番外編その2後編 お嬢様わんこの、鮮やかな策略
俺の右腕を枕にした沙霧は、タオルケットに包まり、少し荒くなった呼吸を整えていた。
母さんにバレた。それがスパイスになったのか、俺達は大いに盛り上がった。おまけに、わんわんと甘い声で鳴く沙霧が愛おしくて、俺も歯止めが利かなくなってしまったのだ。
「くぅん……♡ ご主人様ぁ、すごかったです♡ あんな餌付けをされては、ますます骨抜きになってしまいますわん♡」
「俺はもうとっくに沙霧に骨抜きにされてるけどね。可愛かったよ、沙霧」
そっと頭を撫でると、沙霧の顔はよりトロトロに蕩けていく。
「えへっ……♡ ご主人様ぁ、大しゅき♡」
「俺も大好きだよ、沙霧」
「はわぁ……幸せですわん♡」
「それはなにより──って、時間やばくないっ?!」
時計を見た俺は、思わず跳ね起きた。とっくに正午は通り過ぎたどころか、さらに長針はもう一周している。
母さんの言う夕方が一体何時なのか。早ければ、あと数時間で帰ってきてしまうかもしれない。
周囲を確認すると、二人分の衣服が床に散乱しているし、ゴミ箱の中身はとても母さんに見せられたものじゃない。おまけに、部屋の空気は自分でもわかるほどに甘ったるい。

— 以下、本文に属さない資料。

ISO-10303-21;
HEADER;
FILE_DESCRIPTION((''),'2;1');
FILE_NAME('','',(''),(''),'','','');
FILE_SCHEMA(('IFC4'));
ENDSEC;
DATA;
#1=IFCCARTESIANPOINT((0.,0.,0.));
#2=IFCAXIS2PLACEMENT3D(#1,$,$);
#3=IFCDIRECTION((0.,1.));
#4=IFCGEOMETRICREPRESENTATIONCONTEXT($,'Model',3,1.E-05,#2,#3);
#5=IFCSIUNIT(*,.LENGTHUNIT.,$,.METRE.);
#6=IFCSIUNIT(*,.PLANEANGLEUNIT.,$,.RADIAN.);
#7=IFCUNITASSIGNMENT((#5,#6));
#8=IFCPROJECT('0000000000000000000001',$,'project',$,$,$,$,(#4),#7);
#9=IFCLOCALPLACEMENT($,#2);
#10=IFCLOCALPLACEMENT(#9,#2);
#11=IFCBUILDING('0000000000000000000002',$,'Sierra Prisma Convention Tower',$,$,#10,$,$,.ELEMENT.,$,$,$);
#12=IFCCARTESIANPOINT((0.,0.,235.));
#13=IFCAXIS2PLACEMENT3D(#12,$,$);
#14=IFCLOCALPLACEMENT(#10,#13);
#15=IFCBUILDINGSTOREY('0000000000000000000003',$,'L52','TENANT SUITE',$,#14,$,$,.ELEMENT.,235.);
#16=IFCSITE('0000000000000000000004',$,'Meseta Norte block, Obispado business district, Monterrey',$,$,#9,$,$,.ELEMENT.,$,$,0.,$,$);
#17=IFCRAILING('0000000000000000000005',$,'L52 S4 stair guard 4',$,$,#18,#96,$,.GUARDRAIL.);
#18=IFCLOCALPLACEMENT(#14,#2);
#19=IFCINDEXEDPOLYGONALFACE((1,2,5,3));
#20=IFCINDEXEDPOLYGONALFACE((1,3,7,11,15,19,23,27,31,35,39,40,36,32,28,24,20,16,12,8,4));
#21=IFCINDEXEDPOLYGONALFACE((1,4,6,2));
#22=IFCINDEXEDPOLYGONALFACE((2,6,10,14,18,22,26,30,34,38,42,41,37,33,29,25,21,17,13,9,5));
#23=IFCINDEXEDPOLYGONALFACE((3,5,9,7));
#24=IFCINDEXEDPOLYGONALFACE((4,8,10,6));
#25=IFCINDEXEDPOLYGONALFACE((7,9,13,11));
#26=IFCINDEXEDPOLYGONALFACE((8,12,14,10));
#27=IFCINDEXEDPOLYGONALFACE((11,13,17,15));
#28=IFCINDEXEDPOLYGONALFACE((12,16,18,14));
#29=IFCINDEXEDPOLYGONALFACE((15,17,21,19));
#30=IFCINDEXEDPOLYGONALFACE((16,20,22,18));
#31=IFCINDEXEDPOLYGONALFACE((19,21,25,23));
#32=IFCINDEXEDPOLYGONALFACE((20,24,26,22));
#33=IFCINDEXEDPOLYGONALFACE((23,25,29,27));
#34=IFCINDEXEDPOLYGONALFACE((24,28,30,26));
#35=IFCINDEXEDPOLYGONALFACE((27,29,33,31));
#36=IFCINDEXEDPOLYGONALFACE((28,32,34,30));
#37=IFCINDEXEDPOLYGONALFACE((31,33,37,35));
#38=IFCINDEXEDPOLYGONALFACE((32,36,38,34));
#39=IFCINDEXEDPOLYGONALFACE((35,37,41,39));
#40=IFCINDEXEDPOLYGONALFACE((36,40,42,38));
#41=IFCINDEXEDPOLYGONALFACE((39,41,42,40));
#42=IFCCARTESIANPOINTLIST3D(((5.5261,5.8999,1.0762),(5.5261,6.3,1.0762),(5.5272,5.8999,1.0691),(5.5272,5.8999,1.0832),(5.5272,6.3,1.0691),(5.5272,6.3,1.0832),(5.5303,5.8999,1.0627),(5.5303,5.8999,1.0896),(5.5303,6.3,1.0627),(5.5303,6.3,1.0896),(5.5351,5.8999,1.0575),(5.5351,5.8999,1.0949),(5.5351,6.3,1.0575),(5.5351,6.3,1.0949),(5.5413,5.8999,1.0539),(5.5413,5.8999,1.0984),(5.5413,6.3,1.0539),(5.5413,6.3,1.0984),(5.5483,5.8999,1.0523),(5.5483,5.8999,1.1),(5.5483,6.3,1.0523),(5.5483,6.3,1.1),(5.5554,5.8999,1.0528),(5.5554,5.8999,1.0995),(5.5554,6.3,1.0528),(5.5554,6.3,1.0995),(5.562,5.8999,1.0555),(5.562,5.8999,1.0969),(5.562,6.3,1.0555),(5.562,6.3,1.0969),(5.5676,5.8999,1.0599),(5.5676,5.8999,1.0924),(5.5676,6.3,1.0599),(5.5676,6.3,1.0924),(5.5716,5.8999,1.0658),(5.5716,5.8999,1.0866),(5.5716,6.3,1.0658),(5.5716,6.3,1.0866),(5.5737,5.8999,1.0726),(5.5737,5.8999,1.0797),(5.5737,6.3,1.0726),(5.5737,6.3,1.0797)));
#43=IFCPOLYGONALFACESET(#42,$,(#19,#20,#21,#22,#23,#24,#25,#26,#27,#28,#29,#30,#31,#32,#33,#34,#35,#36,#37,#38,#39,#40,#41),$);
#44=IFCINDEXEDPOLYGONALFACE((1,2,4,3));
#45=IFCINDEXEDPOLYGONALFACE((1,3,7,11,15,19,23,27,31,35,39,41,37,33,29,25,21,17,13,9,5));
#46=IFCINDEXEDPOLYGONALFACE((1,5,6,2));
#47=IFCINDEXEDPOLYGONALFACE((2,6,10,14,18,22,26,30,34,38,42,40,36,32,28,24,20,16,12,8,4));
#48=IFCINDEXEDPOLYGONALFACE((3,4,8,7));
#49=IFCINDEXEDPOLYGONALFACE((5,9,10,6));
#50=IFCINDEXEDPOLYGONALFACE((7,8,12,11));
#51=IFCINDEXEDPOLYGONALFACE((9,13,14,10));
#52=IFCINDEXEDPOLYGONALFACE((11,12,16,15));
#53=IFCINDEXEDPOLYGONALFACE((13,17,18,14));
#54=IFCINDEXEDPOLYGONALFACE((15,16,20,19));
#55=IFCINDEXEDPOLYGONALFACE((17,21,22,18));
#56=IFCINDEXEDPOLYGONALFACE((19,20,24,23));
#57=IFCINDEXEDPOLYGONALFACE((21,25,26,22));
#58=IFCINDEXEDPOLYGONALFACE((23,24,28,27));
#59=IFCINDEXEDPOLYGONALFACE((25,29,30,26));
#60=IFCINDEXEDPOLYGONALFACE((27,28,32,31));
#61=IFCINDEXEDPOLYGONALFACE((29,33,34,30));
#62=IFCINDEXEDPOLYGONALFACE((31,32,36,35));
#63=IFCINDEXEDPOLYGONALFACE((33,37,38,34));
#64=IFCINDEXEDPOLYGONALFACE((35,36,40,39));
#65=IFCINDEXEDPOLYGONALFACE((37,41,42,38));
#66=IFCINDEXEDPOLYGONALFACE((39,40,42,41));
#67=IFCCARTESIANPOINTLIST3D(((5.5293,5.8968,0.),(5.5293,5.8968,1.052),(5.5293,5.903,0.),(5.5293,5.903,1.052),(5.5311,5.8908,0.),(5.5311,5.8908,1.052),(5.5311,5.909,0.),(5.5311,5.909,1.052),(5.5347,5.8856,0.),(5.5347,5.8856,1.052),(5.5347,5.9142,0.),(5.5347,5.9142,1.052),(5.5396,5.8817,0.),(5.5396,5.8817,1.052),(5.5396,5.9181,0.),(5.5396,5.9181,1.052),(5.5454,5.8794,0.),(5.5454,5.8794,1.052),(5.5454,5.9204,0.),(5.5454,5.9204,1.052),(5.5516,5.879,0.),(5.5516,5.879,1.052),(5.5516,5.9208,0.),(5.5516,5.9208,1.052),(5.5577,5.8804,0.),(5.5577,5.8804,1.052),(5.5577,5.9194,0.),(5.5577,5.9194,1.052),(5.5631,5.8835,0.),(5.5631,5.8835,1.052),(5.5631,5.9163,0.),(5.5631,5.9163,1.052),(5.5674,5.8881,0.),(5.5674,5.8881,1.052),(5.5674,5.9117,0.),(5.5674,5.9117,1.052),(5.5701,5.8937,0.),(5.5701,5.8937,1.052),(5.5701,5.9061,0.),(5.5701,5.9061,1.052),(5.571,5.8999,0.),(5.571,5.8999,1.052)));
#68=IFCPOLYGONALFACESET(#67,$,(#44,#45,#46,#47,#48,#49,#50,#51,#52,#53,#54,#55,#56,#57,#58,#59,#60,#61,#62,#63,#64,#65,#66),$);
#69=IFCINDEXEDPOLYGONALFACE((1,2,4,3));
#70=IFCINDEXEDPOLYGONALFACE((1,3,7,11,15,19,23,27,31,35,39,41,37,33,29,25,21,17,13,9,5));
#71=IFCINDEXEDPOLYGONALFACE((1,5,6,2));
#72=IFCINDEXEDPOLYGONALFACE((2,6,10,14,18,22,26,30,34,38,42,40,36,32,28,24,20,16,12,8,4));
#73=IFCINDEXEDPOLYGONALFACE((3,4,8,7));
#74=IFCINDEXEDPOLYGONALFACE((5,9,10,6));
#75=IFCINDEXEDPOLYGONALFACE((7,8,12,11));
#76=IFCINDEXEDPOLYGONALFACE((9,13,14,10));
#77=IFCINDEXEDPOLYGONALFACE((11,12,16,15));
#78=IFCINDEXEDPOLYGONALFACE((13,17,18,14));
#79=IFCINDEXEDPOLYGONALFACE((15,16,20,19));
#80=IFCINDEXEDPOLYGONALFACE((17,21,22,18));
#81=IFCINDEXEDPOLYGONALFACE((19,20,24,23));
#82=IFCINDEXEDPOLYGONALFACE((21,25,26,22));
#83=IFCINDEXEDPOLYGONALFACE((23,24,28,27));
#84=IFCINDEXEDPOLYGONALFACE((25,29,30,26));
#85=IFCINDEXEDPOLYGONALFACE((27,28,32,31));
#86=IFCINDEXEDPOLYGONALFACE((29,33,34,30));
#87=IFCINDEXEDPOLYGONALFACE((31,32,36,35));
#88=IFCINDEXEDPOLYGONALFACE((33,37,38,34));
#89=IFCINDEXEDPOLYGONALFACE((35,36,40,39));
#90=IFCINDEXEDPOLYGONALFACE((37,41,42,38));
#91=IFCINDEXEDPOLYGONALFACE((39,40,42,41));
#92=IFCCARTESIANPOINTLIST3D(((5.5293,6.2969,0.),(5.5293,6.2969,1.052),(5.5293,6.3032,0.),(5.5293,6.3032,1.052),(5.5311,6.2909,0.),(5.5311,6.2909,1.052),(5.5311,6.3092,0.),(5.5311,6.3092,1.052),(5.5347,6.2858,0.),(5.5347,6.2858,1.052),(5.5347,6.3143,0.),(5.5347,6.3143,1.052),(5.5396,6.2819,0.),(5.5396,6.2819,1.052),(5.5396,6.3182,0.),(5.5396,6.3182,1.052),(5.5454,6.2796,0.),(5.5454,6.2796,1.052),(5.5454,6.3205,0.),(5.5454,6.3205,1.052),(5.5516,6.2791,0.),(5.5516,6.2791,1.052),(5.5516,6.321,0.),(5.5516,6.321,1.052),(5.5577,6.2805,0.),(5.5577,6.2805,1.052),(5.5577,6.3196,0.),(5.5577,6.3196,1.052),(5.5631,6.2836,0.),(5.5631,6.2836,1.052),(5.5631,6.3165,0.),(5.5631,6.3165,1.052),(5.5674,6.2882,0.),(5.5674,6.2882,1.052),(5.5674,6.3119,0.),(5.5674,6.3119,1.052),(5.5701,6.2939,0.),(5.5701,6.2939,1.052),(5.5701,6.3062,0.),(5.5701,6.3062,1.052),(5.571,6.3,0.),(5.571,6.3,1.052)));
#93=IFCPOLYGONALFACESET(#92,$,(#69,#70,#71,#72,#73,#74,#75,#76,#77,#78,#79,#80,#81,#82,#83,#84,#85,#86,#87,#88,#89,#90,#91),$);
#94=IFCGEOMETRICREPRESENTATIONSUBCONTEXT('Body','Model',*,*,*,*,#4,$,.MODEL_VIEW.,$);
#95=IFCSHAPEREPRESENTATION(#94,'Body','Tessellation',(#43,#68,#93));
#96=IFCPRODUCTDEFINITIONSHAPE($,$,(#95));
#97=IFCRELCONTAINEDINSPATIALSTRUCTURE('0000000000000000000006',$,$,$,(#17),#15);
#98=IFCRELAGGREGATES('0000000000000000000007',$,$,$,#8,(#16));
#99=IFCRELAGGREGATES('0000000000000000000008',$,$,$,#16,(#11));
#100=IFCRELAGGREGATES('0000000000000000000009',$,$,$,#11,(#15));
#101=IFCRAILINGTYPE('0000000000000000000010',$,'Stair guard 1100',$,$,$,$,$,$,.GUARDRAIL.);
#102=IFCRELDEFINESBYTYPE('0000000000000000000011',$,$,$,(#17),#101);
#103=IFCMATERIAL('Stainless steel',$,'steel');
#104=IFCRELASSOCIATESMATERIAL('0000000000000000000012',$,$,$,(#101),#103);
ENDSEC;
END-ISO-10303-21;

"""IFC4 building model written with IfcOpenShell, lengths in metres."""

from ifc_helpers import new_model, si_unit, direction, frame, origin, origin_2d, place, context, subcontext, project, spatial, circle, extrude, material, type_object, element, save


model = new_model("IFC4")

# Units and contexts
model_context = context("Model", 3, precision=1e-05, world=origin(), true_north=direction((0.0, 1.0)))
body_context = subcontext(model_context, "Body", "Model", "MODEL_VIEW")
ifc_project = project(units=[si_unit("LENGTHUNIT", "METRE"), si_unit("PLANEANGLEUNIT", "RADIAN")], contexts=[model_context])

# Site, building, storey
site_placement = place(None, origin())
site = spatial("IfcSite", under=ifc_project, at=site_placement, Name="Meseta Norte block, Obispado business district, Monterrey", CompositionType="ELEMENT", RefElevation=0.0)
building_placement = place(site_placement, origin())
building = spatial("IfcBuilding", under=site, at=building_placement, Name="Sierra Prisma Convention Tower", CompositionType="ELEMENT")
storey_placement = place(building_placement, frame((0.0, 0.0, 235.0)))
storey = spatial("IfcBuildingStorey", under=building, at=storey_placement, Name="L52", Description="TENANT SUITE", CompositionType="ELEMENT", Elevation=235.0)

# Railing
ifc_material_1 = material(Name="Stainless steel", Category="steel")
railing_type_1 = type_object("IfcRailingType", Name="Stair guard 1100", PredefinedType="GUARDRAIL", material=ifc_material_1)
railing_1_placement = place(storey_placement, frame((5.55, 5.8999, 0.0)))
element("IfcRailing", 1, at=railing_1_placement, inside=storey, type_object=railing_type_1, Name="L52 S4 stair guard 4", PredefinedType="GUARDRAIL", context=body_context, shape_type="SweptSolid", body=[
    extrude(circle(Radius=0.0239, at=origin_2d()), frame((0.0, 0.0, 1.0762), z_axis=(0.0, 1.0, 0.0), x_axis=(-1.0, 0.0, 0.0)), (0.0, 0.0, 1.0), 0.4001),
    extrude(circle(Radius=0.021, at=origin_2d()), origin(), (0.0, 0.0, 1.0), 1.052),
    extrude(circle(Radius=0.021, at=origin_2d()), frame((0.0, 0.4001, 0.0)), (0.0, 0.0, 1.0), 1.052),
])

save(model, "model.ifc")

「沙霧も起きて! 早くシャワー浴びて! 服も着て!」
「むぅ……ご主人様はせっかちですわん。もう少し余韻を……」
「言ってる場合かっ! さすがにこんなの見られたらまずいって!」
「仕方ないですわんね……ですが、これもご主人様との生活を守るため。では──準備いたしましょうか。まずは──一緒にシャワー、浴びましょう?♡ 愛犬をきれいきれいするのは、ご主人様の務めですわんっ♡」
「あぁもうっ! それでいいから早くするよ!」
俺達は、服も着ずに風呂へと駆け込み──
シャワーを浴びながら、俺はもう一度沙霧に食べられた。朝食と昼食を抜いたせいでお腹が空いていたのかもしれない。
そのおかげで、その後余計にドタバタするハメになったのは言うまでもないが、沙霧が嬉しそうにしていたから良しとしよう。俺は愛犬に甘いご主人様なのだ。
その後は部屋を換気して、ゴミをまとめて証拠を隠滅、ベッドメイキングも完璧に。それから俺は母さんの機嫌を少しでもよくするためにと料理にとりかかる。
メニューはビーフシチュー。週末の夜を沙霧と楽しむために食材を用意していたのが功を奏した。本来は時間のかかる料理だが、俺には圧力鍋という武器がある。
「そういえばご主人様、お義母様はお酒は嗜まれますわん?」
「えっ、うん。そんなに強くはないけど、よくワインとか飲んでるかな」
「わふんっ♡ 有益な情報、ありがとうございます!」
「え、今のなにが有益だったの?」
「飲ませてしまえばこちらのもの、ということですわん♡ 交渉を有利に進めるためには、場を制することが大切ですの♡ そこからは私に任せていただければ……うふふっ♡」
こっわっ……!!
沙霧はどこか、この状況を楽しんですらいるらしい。策を巡らす沙霧の表情に、背筋がゾクリとした。
……これは俺も、沙霧を怒らせたりしないようにしないとなぁ。
といっても、沙霧は俺には忠犬なので、あまり心配はしていない。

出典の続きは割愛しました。